Wrangler Commands Reference

Wrangler命令参考

bash
undefined
bash
undefined

Bucket management

存储桶管理

wrangler r2 bucket create <BUCKET_NAME> wrangler r2 bucket list wrangler r2 bucket delete <BUCKET_NAME>
wrangler r2 bucket create <BUCKET_NAME> wrangler r2 bucket list wrangler r2 bucket delete <BUCKET_NAME>

Object management

对象管理

wrangler r2 object put <BUCKET_NAME>/<KEY> --file=<FILE_PATH> wrangler r2 object get <BUCKET_NAME>/<KEY> --file=<OUTPUT_PATH> wrangler r2 object delete <BUCKET_NAME>/<KEY>
wrangler r2 object put <BUCKET_NAME>/<KEY> --file=<FILE_PATH> wrangler r2 object get <BUCKET_NAME>/<KEY> --file=<OUTPUT_PATH> wrangler r2 object delete <BUCKET_NAME>/<KEY>

List objects

列出对象

wrangler r2 object list <BUCKET_NAME> wrangler r2 object list <BUCKET_NAME> --prefix="folder/"

---
wrangler r2 object list <BUCKET_NAME> wrangler r2 object list <BUCKET_NAME> --prefix="folder/"

---

Official Documentation

官方文档

Ready to store with R2! 🚀
Last verified: 2026-01-20 | Skill version: 2.0.0 | Changes: Added 7 new known issues from community research (list() metadata, CORS format confusion, API token permissions, r2.dev rate limiting, concurrent write limits, presigned URL domain requirements, platform outage retry patterns).

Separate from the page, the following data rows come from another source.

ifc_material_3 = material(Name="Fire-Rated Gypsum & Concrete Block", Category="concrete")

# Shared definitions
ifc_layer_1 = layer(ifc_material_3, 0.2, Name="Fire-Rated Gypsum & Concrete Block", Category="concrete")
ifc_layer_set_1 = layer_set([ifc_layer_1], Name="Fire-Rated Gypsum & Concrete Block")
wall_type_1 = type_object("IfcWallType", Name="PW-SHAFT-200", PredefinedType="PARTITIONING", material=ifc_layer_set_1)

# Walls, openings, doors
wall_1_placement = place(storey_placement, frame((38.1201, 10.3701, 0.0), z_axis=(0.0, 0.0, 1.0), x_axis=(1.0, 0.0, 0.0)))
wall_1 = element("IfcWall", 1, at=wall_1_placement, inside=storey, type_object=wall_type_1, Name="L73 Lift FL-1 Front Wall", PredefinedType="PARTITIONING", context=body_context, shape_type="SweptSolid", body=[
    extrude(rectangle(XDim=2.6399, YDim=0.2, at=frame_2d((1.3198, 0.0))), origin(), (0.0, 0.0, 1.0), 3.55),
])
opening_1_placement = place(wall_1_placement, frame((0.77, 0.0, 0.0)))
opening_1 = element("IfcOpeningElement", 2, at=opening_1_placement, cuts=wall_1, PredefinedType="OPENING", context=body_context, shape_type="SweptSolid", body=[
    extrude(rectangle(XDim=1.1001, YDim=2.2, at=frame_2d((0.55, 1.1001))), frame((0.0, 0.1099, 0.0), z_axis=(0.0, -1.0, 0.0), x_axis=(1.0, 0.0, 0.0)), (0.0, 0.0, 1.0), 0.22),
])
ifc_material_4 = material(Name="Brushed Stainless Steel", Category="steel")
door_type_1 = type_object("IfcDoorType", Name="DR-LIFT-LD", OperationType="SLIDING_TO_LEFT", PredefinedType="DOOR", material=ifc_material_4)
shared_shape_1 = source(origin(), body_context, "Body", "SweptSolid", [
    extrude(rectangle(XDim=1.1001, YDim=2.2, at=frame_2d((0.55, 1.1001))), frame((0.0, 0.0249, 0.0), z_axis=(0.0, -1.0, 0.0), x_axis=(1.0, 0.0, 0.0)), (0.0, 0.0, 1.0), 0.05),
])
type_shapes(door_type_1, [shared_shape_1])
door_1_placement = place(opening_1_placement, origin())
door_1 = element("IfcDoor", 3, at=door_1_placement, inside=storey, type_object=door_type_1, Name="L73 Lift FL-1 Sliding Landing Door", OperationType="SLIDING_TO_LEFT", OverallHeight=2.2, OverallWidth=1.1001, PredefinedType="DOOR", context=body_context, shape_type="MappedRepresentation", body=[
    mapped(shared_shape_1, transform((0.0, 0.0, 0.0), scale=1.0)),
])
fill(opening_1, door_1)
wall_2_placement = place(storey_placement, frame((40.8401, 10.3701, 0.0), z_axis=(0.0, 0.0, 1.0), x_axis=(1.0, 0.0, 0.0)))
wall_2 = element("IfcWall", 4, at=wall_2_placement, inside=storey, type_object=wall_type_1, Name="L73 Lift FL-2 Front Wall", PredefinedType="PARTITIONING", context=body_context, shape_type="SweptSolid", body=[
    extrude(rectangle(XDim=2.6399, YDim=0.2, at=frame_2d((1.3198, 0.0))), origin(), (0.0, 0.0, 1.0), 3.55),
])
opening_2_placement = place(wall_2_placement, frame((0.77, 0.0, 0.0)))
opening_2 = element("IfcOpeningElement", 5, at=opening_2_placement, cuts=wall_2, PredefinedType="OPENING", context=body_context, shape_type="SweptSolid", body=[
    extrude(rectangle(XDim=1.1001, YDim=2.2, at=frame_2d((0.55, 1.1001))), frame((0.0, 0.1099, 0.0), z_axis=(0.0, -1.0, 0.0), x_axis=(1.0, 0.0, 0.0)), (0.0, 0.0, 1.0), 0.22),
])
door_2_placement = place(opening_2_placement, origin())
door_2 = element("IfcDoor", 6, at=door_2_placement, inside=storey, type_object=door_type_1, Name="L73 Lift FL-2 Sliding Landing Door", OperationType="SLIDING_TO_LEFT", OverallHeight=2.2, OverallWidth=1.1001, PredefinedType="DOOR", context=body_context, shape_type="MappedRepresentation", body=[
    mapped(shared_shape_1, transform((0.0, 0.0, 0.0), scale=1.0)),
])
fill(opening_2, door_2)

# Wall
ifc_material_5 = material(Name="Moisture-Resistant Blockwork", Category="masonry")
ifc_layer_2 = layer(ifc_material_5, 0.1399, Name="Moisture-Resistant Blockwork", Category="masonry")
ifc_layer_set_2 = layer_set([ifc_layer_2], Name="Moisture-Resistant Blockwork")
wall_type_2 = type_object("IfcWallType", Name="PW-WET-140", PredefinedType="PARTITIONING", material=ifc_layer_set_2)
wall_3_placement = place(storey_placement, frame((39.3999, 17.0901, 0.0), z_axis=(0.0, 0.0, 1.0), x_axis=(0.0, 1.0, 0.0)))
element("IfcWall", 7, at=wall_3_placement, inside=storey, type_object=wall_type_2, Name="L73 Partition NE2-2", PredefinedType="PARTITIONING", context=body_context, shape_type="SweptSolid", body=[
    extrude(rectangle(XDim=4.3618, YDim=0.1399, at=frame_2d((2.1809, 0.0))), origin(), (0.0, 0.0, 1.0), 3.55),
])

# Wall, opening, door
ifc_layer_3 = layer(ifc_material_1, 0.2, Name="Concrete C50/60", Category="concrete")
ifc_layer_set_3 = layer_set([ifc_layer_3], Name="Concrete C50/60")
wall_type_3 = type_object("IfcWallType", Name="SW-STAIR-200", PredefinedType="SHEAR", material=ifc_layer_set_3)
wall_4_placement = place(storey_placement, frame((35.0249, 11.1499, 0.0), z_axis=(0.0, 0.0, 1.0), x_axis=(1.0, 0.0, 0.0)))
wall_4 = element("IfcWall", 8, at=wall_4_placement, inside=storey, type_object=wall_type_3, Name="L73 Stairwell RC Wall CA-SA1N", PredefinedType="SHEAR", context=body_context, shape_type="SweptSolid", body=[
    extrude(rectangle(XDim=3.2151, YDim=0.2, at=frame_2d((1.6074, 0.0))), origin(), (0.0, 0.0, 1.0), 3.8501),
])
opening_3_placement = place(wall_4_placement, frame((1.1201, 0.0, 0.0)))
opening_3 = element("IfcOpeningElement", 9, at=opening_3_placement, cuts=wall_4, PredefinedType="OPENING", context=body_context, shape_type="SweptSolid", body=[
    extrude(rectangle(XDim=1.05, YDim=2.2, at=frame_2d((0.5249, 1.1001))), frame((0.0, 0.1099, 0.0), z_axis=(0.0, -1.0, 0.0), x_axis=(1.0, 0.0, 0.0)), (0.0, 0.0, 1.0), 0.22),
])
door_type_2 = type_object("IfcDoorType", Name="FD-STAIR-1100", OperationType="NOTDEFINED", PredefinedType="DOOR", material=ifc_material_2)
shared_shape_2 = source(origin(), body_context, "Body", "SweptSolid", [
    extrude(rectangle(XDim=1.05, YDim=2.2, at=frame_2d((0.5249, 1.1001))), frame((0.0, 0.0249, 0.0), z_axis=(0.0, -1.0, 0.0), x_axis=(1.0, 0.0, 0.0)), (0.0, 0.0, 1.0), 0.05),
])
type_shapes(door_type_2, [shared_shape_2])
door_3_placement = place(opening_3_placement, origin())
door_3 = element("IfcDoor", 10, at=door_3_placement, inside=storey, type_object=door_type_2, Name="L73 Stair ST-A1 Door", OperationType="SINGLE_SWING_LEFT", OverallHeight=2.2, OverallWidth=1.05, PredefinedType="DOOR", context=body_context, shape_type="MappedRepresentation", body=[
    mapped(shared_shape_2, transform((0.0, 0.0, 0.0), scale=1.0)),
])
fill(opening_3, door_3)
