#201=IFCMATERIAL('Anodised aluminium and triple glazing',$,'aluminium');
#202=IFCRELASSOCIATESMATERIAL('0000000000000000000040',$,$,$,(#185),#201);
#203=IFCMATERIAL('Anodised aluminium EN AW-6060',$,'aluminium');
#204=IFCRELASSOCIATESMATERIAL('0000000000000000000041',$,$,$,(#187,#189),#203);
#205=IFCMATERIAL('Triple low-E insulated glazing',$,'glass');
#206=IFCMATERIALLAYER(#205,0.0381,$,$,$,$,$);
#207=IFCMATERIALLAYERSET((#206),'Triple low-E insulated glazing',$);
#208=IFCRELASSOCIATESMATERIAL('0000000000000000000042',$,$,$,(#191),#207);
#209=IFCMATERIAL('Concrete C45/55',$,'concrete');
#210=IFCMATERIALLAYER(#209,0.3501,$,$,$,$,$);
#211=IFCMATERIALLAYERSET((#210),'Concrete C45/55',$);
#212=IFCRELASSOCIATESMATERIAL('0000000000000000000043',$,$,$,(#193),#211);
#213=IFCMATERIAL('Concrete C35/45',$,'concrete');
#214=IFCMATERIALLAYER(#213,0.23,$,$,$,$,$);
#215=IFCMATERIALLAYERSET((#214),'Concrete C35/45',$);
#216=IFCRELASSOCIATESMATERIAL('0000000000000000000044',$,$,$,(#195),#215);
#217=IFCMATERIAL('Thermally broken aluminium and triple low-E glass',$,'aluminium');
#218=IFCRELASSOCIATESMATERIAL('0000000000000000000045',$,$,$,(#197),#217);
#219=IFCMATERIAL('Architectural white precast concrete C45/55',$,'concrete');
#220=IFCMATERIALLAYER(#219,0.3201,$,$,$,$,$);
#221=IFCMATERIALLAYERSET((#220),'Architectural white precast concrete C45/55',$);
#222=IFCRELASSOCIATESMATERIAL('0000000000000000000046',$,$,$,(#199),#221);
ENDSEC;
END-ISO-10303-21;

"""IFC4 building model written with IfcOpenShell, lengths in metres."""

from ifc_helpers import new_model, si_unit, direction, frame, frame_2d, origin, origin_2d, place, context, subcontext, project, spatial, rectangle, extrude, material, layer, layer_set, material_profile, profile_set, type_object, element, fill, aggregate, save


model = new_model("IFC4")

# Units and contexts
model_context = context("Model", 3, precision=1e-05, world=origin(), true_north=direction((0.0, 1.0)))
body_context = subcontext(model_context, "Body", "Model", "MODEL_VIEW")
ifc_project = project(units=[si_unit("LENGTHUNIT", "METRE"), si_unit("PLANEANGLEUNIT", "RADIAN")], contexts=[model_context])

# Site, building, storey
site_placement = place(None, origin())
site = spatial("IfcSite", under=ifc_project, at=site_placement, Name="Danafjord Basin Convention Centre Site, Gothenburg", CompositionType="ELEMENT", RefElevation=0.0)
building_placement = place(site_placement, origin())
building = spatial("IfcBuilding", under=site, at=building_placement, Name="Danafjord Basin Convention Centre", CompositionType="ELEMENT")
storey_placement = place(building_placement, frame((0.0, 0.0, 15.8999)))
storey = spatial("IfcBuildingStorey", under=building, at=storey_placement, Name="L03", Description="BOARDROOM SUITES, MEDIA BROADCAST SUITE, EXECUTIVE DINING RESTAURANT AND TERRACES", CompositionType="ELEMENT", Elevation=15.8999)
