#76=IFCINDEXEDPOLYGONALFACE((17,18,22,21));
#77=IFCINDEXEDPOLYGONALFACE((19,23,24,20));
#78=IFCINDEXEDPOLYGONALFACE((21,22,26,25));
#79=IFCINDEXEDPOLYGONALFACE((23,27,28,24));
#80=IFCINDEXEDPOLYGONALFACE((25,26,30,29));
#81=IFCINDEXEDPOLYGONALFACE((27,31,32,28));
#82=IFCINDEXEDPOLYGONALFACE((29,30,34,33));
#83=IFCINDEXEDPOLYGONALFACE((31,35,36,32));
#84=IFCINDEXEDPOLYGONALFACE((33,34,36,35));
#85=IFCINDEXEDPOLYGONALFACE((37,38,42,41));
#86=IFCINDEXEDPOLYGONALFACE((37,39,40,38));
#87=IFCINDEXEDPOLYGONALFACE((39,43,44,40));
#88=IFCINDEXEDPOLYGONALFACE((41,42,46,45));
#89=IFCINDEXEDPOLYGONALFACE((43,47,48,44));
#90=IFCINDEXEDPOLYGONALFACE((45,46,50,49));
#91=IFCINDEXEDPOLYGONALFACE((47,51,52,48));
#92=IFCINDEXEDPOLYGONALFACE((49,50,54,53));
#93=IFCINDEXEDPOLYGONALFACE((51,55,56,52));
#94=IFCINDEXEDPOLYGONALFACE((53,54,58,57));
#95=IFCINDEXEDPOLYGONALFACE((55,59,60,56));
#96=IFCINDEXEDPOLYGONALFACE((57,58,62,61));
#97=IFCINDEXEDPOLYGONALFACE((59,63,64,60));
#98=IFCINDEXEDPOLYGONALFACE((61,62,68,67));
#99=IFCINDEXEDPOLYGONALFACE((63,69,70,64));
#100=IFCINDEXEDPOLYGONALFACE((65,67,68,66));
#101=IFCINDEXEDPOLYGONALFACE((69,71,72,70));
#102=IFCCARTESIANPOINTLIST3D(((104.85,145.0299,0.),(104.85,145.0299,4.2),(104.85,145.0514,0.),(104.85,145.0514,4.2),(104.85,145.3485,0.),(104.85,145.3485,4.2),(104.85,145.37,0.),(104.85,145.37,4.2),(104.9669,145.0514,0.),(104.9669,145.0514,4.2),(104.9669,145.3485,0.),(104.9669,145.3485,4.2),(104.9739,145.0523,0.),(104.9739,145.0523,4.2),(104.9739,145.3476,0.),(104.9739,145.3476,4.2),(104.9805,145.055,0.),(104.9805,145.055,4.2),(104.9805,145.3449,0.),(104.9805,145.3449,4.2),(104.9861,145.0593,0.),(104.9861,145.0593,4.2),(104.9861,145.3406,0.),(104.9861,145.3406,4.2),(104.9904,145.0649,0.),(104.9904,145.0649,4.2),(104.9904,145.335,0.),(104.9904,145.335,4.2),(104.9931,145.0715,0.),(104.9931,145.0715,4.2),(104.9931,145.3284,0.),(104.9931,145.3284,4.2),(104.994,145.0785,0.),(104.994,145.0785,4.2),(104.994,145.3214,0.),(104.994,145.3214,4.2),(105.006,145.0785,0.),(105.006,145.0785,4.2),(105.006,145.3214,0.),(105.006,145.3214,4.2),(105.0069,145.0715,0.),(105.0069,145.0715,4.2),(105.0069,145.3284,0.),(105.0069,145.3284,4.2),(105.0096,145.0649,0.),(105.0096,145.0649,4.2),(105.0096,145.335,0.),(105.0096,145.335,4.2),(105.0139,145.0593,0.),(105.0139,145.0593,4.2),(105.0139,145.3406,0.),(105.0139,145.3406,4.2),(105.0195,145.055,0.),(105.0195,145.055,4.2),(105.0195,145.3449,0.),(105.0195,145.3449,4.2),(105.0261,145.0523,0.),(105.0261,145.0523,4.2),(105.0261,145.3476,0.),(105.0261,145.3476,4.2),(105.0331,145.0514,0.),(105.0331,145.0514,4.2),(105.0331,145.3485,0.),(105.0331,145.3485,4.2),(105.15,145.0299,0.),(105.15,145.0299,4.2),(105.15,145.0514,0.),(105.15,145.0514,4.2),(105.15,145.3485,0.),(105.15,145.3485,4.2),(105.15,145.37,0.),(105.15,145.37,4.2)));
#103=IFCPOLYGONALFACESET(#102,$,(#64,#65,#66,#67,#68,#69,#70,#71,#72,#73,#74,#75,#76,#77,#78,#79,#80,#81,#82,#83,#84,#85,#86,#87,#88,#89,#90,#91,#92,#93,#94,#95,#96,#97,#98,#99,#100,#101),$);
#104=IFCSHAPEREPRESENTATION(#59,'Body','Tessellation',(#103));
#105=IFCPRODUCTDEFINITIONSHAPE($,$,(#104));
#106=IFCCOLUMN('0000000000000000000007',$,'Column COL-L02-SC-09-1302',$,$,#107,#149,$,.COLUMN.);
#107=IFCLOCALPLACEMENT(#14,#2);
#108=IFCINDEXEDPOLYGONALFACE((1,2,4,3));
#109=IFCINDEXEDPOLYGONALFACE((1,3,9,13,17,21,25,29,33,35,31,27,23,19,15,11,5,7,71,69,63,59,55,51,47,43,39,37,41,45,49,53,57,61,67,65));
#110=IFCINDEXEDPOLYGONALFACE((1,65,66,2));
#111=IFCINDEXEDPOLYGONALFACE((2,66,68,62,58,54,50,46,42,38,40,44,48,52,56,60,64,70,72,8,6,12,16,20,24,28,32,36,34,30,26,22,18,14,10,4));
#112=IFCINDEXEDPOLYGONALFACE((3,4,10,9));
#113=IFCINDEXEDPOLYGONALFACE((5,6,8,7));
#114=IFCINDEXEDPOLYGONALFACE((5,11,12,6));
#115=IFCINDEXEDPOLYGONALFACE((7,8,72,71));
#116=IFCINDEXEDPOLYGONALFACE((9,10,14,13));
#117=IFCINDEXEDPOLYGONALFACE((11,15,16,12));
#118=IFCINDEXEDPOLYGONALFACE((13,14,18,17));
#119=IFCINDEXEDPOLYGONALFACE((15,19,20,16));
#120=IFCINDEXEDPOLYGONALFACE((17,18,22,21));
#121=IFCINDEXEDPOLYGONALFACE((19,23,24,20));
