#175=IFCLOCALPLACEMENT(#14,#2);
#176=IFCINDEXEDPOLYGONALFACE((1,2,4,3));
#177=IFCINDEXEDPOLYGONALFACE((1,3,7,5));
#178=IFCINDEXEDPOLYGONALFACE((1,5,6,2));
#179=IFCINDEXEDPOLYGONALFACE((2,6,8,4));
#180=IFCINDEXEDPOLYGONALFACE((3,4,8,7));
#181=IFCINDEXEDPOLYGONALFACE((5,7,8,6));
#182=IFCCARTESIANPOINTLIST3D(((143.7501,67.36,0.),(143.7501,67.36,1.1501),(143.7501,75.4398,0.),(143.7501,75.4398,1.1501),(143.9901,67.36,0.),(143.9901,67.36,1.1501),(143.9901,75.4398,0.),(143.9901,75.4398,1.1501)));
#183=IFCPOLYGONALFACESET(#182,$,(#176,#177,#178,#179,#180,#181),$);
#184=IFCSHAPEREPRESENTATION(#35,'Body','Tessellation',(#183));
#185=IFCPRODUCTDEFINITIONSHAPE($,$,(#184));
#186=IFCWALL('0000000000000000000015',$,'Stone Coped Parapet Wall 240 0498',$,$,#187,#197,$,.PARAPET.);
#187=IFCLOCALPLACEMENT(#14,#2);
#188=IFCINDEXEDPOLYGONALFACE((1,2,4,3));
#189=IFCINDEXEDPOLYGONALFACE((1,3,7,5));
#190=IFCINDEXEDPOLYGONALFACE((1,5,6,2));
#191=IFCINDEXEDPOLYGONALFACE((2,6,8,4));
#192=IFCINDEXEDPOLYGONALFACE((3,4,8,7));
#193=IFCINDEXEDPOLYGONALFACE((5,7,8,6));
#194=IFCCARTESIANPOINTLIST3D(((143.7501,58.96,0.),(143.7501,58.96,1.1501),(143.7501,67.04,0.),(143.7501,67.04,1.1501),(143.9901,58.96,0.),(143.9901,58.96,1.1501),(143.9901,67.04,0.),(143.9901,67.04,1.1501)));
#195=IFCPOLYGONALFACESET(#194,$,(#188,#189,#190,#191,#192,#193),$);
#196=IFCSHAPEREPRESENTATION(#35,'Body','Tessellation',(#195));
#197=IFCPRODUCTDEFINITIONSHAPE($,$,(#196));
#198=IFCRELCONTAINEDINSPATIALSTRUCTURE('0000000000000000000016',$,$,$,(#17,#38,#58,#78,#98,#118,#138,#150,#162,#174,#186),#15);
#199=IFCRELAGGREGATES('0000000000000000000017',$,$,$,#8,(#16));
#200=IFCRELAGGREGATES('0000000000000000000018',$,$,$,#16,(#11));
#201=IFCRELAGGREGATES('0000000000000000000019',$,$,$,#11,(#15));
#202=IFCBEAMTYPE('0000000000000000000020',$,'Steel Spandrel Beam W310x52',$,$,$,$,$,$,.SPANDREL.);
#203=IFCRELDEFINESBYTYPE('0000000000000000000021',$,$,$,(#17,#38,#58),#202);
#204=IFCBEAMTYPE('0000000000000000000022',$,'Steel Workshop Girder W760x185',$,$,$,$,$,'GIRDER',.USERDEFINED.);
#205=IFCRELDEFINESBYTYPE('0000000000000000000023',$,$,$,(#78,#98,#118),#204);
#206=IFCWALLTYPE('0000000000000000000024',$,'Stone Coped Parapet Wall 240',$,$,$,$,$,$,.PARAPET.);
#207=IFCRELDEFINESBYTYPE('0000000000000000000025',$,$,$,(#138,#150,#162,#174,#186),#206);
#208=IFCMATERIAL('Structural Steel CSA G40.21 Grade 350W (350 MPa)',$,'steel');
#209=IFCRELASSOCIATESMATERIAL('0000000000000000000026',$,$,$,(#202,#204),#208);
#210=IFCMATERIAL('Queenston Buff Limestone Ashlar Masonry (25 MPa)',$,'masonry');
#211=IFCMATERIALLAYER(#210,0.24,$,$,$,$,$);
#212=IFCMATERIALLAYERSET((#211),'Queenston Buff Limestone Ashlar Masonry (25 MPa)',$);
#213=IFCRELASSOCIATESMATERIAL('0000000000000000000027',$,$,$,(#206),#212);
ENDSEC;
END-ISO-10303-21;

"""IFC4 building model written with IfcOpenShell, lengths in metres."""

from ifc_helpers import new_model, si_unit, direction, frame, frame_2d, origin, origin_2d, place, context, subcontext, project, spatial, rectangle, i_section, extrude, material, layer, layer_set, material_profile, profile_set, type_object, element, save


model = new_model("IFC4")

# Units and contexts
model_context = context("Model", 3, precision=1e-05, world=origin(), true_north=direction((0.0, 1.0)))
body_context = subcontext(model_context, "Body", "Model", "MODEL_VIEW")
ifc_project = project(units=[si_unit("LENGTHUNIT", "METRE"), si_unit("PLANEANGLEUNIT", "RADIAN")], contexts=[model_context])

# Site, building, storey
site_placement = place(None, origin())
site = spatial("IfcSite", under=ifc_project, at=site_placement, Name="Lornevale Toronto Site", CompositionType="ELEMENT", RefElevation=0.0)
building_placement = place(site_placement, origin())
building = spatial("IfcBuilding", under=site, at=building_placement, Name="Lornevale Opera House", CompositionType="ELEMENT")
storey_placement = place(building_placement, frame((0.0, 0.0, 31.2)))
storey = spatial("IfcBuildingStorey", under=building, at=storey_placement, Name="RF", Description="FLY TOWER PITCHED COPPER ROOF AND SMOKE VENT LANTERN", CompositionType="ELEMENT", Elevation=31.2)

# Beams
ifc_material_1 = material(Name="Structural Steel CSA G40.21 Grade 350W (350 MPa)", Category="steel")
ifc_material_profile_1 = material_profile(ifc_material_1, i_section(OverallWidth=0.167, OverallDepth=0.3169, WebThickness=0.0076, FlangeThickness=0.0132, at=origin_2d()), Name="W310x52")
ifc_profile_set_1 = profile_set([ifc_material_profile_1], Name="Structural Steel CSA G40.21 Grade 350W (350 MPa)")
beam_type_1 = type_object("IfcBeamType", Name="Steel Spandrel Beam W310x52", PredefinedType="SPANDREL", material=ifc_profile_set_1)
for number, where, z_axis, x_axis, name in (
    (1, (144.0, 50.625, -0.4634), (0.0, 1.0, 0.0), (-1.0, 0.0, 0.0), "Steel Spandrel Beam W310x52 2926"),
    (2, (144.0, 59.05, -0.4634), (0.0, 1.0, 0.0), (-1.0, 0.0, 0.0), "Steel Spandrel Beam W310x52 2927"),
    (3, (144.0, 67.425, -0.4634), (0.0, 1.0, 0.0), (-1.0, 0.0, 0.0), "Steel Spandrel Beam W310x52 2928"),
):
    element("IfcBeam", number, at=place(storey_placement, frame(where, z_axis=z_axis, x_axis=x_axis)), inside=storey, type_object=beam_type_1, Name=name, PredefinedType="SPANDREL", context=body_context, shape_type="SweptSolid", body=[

Enhanced retry logic for 5xx errors, added development best practices section, documented bucket limit increase to 1M.
准备好使用R2存储了! 🚀
最后验证时间:2026-01-20 | 指南版本:2.0.0 | 更新内容:从社区研究中新增7种已知问题(list()元数据、CORS格式混淆、API令牌权限、r2.dev速率限制、并发写入限制、预签名URL域名要求、平台中断重试模式)。增强了5xx错误的重试逻辑,新增开发最佳实践章节,记录了存储桶上限提升至100万个的信息。